Mark Carney told reporters in Ottawa that he did not retract comments he made at the World Economic Forum in Davos, disputing a U.S. claim that he “aggressively” walked them back during a call with President Donald Trump.

Carney said he rolled his eyes at U.S. Treasury Secretary Scott Bessent’s characterization of what happened Monday, when Bessent told Fox News that the Canadian leader had changed course after the phone conversation. “To be absolutely clear, and I said this to the president, I meant what I said in Davos,” Carney said as he arrived for a Cabinet meeting, adding: “Canada was the first country to understand the change in U.S. trade policy that he initiated, and we’re responding to that.”

Carney said the call lasted about half an hour and that he explained Canada’s approach to China to Trump. He said, “I explained to him our arrangement with China. I explained to him what we’re doing — 12 new deals, four continents, in six months,” and that Trump “was impressed.”

The dispute comes after Carney used his Davos remarks to condemn economic coercion by great powers toward smaller countries, without naming Trump. Those comments drew praise and attention at the meeting, including attention that Carney’s remarks upstaged Trump at Davos. In Parliament on Tuesday, Carney also said: “The world has changed, Washington has changed. There is almost nothing normal in the U.S. now and that’s the truth,” speaking in French.

Carney’s response was also aimed at a broader set of tensions between Canada and Trump. Trump threatened this past weekend to impose a 100% tariff on goods imported from Canada if Canada proceeded with a trade deal with Beijing, though Carney said Canada has no interest in negotiating a comprehensive trade deal with China. Carney said he plans to travel to India, Australia and other countries to diversify trade away from the United States, which takes more than 75% of Canada’s exports.

Carney said his recent agreement with China cuts tariffs that were recently imposed on a few sectors, positioning the effort as selective rather than a wholesale shift. The AP report also cited Canada’s minister responsible for Canada-U.S. trade, Dominic LeBlanc, who compared Canada’s China arrangement to a past Trump deal with Chinese leader Xi Jinping in South Korea last summer that involved U.S. tariff cuts alongside changes that allowed rare earth exports and resumed paused purchases of U.S. soy.

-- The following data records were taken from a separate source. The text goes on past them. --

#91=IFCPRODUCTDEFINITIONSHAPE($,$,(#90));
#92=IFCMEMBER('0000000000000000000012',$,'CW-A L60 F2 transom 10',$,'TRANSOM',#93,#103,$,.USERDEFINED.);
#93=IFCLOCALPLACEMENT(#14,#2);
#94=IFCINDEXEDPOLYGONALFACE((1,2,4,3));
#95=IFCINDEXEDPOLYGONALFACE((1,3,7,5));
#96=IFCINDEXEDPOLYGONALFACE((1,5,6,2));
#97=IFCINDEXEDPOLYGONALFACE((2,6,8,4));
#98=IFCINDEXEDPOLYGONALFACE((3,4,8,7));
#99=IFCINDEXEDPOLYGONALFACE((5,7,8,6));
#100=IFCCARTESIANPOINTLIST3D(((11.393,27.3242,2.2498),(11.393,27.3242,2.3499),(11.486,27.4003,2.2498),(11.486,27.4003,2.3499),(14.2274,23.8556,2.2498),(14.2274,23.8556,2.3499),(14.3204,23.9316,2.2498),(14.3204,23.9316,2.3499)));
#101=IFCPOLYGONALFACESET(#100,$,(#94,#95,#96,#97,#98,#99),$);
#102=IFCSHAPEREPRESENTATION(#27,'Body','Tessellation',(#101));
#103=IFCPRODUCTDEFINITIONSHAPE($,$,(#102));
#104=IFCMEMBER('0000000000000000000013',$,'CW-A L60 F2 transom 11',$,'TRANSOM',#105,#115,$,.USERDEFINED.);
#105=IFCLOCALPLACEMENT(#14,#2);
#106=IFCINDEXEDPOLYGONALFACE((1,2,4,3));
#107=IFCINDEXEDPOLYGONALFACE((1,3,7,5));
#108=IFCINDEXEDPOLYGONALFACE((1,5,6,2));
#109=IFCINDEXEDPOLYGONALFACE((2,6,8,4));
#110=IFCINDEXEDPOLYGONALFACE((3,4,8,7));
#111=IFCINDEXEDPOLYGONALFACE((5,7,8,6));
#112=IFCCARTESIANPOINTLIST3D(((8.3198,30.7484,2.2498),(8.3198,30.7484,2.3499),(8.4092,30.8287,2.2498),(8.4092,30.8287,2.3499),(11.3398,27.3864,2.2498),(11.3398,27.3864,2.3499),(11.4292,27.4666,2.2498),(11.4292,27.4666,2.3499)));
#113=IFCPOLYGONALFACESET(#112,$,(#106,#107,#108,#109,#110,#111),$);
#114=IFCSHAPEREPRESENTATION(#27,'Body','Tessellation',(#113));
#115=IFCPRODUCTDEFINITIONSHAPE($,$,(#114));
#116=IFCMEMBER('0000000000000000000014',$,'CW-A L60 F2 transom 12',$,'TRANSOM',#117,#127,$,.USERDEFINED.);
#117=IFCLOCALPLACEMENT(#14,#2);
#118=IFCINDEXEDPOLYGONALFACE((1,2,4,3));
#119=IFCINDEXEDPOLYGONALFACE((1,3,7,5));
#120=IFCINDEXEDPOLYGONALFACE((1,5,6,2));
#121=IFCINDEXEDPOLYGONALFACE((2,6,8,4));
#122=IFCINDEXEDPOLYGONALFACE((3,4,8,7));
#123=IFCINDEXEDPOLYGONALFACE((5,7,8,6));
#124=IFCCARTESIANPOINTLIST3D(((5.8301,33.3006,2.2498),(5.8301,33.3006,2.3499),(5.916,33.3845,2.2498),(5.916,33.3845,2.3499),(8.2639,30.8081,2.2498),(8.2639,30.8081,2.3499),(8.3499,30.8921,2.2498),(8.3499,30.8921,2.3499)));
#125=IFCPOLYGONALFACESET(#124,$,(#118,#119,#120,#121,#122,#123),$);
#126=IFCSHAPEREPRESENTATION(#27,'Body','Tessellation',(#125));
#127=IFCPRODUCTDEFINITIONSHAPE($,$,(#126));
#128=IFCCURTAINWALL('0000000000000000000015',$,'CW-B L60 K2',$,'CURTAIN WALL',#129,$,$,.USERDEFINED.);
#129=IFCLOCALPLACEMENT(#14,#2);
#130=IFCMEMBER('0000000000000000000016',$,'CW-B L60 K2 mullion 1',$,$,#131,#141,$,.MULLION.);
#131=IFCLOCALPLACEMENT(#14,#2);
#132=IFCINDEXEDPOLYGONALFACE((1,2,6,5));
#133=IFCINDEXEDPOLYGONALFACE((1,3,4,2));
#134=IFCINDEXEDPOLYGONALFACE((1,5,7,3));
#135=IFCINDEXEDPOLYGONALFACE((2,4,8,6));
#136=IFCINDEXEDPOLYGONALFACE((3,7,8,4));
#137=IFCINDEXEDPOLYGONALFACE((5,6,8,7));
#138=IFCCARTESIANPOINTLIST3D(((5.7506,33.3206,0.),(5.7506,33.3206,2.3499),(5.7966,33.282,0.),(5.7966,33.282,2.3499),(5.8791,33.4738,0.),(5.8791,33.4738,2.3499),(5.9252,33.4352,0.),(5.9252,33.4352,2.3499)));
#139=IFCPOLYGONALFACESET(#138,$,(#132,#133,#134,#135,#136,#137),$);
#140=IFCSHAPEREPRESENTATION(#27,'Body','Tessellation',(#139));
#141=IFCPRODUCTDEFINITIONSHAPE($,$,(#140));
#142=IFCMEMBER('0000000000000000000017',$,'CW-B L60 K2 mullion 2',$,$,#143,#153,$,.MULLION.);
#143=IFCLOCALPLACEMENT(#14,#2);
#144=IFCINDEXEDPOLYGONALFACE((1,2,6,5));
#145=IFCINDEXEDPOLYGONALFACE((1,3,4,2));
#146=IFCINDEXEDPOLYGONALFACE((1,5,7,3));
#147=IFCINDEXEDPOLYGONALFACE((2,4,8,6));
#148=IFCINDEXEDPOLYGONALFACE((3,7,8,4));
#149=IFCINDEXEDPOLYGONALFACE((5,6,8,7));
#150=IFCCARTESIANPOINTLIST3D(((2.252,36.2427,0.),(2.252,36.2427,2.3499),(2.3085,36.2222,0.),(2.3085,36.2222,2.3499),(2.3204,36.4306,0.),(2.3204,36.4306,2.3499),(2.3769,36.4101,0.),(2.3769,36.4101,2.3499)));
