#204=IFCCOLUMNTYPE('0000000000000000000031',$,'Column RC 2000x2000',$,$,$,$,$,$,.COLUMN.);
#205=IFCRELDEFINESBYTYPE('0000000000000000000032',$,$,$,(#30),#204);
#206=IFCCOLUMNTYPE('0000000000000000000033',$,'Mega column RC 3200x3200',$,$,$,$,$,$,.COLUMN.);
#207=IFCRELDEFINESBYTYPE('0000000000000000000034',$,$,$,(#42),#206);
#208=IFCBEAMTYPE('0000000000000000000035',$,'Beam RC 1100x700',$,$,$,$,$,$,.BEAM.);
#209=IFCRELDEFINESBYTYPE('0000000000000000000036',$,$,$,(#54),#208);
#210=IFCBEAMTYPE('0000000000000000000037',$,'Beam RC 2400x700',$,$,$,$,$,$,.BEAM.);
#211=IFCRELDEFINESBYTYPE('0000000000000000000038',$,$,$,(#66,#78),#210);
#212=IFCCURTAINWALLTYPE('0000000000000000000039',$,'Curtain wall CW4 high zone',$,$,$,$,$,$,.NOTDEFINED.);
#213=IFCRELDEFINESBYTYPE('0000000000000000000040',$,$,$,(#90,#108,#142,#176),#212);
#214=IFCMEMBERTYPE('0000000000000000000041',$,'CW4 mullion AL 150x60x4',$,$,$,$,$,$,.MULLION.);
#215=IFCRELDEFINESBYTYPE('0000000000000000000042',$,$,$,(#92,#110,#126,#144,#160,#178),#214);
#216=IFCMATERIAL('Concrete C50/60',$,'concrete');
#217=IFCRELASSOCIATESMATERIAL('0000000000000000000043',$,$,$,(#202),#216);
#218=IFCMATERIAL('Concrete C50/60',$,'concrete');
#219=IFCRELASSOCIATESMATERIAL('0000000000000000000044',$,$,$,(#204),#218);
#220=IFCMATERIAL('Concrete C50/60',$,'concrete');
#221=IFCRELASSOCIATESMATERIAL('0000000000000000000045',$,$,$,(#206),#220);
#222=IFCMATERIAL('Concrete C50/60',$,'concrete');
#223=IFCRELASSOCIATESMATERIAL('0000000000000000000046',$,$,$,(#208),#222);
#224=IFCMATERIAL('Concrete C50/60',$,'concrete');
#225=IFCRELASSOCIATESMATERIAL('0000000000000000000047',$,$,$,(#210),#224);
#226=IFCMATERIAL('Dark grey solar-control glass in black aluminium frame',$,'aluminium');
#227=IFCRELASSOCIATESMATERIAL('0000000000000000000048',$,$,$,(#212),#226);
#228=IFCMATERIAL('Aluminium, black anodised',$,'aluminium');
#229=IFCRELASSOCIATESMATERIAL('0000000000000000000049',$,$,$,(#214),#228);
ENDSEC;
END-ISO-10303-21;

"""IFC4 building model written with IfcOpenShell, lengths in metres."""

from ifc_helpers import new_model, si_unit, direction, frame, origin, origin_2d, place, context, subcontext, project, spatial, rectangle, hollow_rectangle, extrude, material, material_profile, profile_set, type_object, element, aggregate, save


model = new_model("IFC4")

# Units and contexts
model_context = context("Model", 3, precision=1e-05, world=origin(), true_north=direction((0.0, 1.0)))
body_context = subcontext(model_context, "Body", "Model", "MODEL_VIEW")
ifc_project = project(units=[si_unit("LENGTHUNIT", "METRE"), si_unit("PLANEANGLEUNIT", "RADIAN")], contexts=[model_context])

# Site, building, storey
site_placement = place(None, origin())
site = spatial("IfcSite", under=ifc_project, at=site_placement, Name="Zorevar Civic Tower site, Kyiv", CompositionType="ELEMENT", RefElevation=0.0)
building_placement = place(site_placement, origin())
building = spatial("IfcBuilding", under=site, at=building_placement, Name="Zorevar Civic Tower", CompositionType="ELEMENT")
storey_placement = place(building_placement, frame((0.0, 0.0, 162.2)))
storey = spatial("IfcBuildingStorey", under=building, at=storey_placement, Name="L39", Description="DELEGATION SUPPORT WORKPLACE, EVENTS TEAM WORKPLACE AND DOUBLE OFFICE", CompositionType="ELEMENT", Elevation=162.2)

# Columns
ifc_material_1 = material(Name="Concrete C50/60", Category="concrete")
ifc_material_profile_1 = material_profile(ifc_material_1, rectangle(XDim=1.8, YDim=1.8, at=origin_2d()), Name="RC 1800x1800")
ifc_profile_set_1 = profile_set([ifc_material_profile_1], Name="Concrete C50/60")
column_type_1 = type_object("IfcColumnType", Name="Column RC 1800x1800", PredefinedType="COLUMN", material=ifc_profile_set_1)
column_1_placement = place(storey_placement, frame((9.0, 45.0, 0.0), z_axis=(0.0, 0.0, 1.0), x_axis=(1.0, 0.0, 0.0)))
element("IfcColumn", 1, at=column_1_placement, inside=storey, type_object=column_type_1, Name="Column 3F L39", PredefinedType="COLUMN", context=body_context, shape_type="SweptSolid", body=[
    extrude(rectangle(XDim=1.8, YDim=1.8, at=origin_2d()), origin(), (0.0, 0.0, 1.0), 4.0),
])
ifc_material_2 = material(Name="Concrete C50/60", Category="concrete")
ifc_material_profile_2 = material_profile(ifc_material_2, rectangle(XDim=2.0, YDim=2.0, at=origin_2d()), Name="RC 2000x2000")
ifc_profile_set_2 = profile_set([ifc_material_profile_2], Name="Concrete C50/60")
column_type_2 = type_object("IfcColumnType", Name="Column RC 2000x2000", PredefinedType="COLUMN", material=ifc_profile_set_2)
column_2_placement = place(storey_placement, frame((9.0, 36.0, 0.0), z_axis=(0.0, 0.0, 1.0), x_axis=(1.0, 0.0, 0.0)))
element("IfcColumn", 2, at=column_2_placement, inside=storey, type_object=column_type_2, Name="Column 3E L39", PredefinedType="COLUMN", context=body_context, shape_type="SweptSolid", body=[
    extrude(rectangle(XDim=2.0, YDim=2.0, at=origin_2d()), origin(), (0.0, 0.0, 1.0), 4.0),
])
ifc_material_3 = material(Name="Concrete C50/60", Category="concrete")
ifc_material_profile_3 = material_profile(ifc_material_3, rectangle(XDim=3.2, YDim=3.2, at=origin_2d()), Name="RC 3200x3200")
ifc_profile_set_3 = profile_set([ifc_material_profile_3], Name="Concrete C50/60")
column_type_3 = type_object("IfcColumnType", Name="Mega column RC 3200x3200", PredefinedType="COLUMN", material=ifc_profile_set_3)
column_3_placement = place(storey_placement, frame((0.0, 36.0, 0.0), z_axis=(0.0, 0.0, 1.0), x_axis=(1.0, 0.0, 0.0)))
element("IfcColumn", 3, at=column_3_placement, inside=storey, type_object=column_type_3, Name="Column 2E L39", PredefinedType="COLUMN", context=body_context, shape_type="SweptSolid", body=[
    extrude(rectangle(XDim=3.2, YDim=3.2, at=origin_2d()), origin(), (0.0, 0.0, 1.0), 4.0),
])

The developing trade conflict sits alongside other frictions that have added to alarm in Ottawa, including Trump’s Greenland push. The AP report said the pressure strained the NATO alliance and that Canada shares a 3,000-kilometer maritime border with Greenland in the Arctic. It also said Trump has suggested Canada could be absorbed into the United States and posted an altered image showing Canada, Venezuela, Greenland and Cuba as part of its territory.

Carney also said he raised issues beyond trade in the Trump call, including Ukraine, Venezuela and Arctic security. Bessent, speaking on Fox News, argued that Canada is fundamentally tied to the United States and said Canada should stop what he described as Carney’s “globalist agenda,” adding: “Of course, Canada depends on the U.S. … There’s much more north-south trade than there could ever be east-west trade.”

Carney said the United States-Mexico-Canada Agreement is up for renewal this year and set a goal for Canada to double its non-U.S. exports in the next decade. He also described himself in Davos as part of a movement to link up countries that seek to counter the United States under Trump, saying in his speech: “Middle powers must act together because if you are not at the table, you are on the menu.”

Bessent’s statement and Carney’s response leave both governments grappling with how far Trump is willing to use tariffs to steer Canada’s trade choices as Carney presses to build new commercial partnerships elsewhere.